Symptoms of Seasonal Affective Disorder are very similar to symptoms of clinical depression. Problems include decreased appetite, weight loss, decreased sex drive, feelings of isolation, depression and sometimes even suicidal feelings. Now if you go to a psychiatrist and get evaluated as having SAD, more than likely you will be prescribed some prescription medications. While these prescription antidepressants may help with your SAD, they also will be more than likely to have unintended side effects.
The good news is that there are a wide variety of natural ways of treating Seasonal Affective Disorder. Many of these treatments can be very effective and are even suggested by doctors. Supplements that are recommended to combat Seasonal Affective Disorder include St. Johns Wort, Vitamin D, and increase of Omega-3 fatty acids.

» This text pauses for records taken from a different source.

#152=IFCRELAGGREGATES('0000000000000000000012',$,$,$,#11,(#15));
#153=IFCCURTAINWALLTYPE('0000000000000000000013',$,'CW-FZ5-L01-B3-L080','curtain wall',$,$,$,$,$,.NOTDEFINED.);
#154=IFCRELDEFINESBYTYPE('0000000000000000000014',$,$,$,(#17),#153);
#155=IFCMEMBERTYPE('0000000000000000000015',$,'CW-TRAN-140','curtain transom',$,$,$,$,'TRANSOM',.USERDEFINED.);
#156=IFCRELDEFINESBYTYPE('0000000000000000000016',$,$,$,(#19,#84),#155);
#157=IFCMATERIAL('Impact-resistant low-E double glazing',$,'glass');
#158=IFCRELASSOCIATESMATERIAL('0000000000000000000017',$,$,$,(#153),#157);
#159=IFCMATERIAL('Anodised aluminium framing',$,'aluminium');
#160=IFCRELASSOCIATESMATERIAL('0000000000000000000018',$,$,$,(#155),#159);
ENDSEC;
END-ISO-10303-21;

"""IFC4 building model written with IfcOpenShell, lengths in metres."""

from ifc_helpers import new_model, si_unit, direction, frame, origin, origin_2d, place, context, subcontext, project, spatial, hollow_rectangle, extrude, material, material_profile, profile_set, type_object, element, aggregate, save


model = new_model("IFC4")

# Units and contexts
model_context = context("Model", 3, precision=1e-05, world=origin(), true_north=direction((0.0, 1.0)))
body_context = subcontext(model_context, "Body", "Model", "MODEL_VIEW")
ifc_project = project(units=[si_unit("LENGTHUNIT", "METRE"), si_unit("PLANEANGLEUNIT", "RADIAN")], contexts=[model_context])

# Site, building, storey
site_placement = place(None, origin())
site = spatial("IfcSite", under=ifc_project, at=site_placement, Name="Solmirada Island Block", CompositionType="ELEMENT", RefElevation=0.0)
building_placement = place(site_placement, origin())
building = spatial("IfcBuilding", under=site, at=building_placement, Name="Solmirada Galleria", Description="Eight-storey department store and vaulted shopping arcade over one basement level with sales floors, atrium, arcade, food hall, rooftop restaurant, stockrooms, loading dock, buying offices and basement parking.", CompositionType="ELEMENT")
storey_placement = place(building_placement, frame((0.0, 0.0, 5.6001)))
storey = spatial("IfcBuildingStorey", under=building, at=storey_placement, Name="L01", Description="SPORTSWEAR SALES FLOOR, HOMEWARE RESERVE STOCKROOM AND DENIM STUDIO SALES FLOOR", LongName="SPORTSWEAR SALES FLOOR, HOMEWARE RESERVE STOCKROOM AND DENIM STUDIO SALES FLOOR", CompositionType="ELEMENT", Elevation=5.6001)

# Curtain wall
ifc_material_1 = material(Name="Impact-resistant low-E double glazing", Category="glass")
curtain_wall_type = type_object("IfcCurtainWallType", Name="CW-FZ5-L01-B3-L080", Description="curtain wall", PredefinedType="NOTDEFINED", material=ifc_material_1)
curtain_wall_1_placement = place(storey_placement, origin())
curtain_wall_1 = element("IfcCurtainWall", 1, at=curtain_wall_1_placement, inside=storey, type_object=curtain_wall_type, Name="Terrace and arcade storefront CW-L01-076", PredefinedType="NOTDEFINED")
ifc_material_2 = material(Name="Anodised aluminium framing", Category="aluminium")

Also make sure you get more natural sunlight each day. This should be one of the first treatments to try to improve your mood. One thing you can do is open your window coverings and get light during every possible opportunity. Also if you can go for a walk during your lunch break, this can be extremely effective. Getting more physical activity has also been shown to help with Seasonal Affective Disorder. Look out the window and pay attention to the weather. When you see the sun is shining, try to get outside and take advantage of that fact. Actually getting natural sun exposure on your skin can make a big difference.
Many psychiatrists recommend the use of light therapy to their patients as a treatment for SAD. With light therapy, people sit in front of a special light box or lamp each day. These light therapy boxes and light therapy lamps range between $100-$200. Experts recommend sitting in front of the light for 30 minutes each day.
If you have been feeling down during the winter, get proactive. Try some natural solutions and see if they make a difference for you.